Best of luck future undergrad!
0
0
Updated
Share a link to this answer
Share a link to this answer

Kim’s Answer

Dylan,

Only you know you! Did you get B's in HS by struggling, or, was it easy, and, if you had tried, you would have had A's?

My recommendations:
1. Don't overload yourself your first semester. College takes some getting used to. If you take 15 hrs with a lot of reading, you set yourself up for failure. You need to set yourself up for success! Take 12 hrs, (or, 13 if there is a short library/college orientation class).

2. Understand scheduling. You pick your classes, and, the times they meet. If you schedule a class for 8 a.m. and your brain doesn't wake up until 9:30, again, you are setting yourself up for failure. Schedule classes for the times of day when your brain is most alert!

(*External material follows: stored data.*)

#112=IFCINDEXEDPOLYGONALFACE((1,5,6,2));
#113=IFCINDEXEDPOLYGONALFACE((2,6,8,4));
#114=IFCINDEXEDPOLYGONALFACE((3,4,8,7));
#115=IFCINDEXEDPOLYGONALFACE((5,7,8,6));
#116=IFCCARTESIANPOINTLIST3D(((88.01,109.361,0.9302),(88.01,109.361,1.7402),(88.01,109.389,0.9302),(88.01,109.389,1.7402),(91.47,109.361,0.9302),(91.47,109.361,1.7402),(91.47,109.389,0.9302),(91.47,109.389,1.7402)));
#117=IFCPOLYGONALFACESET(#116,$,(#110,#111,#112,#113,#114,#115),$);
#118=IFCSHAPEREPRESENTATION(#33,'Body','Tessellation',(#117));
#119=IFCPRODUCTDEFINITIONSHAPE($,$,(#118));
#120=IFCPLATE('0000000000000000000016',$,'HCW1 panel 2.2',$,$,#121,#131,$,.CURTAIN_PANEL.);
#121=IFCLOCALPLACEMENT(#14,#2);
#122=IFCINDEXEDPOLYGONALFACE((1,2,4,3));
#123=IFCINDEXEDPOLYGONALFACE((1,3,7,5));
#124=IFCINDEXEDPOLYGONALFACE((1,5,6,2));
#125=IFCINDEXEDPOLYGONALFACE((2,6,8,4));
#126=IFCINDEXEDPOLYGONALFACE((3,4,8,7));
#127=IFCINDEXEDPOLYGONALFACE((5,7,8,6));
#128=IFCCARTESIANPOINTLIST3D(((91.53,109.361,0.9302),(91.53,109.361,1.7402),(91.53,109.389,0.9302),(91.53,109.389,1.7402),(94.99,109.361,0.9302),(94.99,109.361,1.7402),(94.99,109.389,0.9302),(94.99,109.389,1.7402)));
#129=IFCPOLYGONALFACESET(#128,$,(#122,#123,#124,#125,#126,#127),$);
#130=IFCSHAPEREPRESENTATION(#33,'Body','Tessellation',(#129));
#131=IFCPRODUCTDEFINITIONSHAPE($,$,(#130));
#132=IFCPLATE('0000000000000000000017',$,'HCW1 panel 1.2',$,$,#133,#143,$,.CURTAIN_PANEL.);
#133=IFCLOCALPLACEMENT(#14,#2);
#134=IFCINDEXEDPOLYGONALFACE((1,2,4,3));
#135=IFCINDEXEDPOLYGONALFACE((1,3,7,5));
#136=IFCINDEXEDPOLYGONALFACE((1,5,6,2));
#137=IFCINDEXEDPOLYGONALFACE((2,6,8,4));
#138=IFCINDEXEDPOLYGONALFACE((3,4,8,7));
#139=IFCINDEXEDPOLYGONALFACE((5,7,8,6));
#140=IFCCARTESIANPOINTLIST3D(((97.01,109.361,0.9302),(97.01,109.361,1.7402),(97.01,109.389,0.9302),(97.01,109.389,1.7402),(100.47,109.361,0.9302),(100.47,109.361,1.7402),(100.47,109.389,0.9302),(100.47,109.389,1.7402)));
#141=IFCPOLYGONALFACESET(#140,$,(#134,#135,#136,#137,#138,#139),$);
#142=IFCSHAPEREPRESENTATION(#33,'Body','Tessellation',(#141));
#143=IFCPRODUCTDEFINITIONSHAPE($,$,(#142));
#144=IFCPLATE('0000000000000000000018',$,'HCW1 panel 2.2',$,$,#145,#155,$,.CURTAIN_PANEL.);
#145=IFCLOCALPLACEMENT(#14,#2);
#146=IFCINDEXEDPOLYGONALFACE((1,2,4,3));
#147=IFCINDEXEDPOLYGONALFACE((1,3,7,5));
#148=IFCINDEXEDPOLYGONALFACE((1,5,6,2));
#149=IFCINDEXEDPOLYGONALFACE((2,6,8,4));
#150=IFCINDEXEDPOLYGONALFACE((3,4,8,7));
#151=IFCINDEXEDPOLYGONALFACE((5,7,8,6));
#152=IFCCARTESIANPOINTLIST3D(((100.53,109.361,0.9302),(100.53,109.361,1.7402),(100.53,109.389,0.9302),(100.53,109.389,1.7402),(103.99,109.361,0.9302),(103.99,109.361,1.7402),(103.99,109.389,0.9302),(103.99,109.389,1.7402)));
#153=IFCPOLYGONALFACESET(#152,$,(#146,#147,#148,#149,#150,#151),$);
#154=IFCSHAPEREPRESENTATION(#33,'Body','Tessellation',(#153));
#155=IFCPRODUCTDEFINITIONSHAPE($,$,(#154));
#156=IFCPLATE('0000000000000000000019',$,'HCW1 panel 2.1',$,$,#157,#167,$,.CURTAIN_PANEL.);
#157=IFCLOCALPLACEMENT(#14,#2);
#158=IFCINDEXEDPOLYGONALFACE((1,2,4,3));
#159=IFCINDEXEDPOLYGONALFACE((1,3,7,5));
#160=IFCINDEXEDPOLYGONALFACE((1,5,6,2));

3. More on scheduling: Include some room in your schedule for eating, visiting with friends, and studying. This should be a block of time equivalent to two class periods. So, you might have 2 classes from 9-11, and then no more classes until 1 pm. A one-hour block isn't enough!

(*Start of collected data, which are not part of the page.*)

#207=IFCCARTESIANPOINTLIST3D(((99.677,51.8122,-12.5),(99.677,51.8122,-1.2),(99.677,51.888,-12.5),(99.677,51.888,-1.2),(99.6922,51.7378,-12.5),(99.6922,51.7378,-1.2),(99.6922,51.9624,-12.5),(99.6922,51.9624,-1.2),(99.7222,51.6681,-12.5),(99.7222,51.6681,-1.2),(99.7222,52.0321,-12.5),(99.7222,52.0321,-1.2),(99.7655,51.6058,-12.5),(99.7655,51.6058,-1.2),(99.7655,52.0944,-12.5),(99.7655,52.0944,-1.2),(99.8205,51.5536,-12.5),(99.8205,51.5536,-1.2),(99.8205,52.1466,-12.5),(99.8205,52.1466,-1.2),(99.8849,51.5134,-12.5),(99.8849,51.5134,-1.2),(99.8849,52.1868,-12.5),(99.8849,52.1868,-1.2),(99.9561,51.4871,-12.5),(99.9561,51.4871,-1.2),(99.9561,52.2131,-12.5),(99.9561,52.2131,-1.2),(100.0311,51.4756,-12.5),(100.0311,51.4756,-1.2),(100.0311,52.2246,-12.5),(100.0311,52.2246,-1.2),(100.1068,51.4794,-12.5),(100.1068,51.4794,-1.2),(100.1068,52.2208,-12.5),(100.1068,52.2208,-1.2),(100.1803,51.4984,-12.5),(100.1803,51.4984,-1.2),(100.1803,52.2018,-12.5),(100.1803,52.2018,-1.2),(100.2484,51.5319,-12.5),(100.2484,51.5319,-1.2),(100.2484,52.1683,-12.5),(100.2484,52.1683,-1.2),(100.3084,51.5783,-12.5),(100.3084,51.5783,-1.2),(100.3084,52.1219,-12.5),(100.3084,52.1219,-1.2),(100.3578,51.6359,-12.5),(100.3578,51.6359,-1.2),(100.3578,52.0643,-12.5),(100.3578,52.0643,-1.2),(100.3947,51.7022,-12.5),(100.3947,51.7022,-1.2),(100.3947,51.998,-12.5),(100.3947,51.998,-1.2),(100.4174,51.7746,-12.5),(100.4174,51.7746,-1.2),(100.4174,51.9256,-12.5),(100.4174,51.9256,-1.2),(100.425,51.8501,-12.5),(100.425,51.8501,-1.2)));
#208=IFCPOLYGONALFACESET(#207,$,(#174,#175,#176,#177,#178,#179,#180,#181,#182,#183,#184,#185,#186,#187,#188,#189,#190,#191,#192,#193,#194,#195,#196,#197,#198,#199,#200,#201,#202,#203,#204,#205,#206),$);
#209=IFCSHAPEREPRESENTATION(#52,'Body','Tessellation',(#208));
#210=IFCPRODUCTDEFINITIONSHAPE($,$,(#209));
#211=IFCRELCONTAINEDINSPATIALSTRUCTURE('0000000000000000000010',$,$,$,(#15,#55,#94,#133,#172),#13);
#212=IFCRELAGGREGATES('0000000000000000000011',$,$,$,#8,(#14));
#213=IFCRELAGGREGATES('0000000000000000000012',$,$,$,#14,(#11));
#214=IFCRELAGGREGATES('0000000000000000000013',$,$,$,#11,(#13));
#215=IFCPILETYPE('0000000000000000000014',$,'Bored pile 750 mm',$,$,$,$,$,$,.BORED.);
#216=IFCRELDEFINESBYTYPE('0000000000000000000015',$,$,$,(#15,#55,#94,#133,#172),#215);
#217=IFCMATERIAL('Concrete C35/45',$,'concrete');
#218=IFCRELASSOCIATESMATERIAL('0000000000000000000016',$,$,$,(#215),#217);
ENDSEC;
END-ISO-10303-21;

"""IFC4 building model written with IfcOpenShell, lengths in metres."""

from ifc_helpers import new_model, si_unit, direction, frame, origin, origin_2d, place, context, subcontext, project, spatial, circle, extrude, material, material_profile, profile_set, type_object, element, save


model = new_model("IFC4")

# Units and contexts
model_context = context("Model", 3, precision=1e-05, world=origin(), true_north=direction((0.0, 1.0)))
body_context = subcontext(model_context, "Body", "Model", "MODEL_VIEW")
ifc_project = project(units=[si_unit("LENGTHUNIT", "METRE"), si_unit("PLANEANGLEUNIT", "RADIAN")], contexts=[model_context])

4. And, don't try to do all your classes on one day, unless you have to! You can take two on M/W/F and two on T/Th. With that schedule, you might have one class from 9-10, take a break from 10-12, and another class from 12-1. Or, you might take the two classes back to back, and have study time afterwards. You also want time to cram right before an exam, possibly, so, keep that in mind!

5. Keep up with your reading and assignments. That is CRITICAL. Do the readings prior to lecture, and review very soon after lecture.

6. Figure out what study style works best for you. It does not good to read a chapter three times if it does sink in! You need to write notes as you read, make flashcards, etc. Figure out what works, and remember it does no good to study when you are tired!

7. If you are struggling, GET HELP, before falling too far behind. There are various student support services on campus. Become familiar with them BEFORE you need them! There's nothing wrong with asking for help!

8. Have friends in the class, so, if you miss, you can get the notes.

9. On the first day of class, the professor will hand out the syllabus. This will tell you the schedule for the semester, required textbooks, etc. The one question I recommend you ask is this: "On the test, what percentage of the questions are from the readings, and what percentage is from the lectures?" I hate studying books, only to find the test is completely lecture-based.

Finally, you have to WANT to do this. If you are not driven to finish, you won't. You need to find ways to overcome any obstacles that pop up. "car won't start" is such an easy excuse for not going to school. Don't fall for it. Be determined, and you WILL succeed!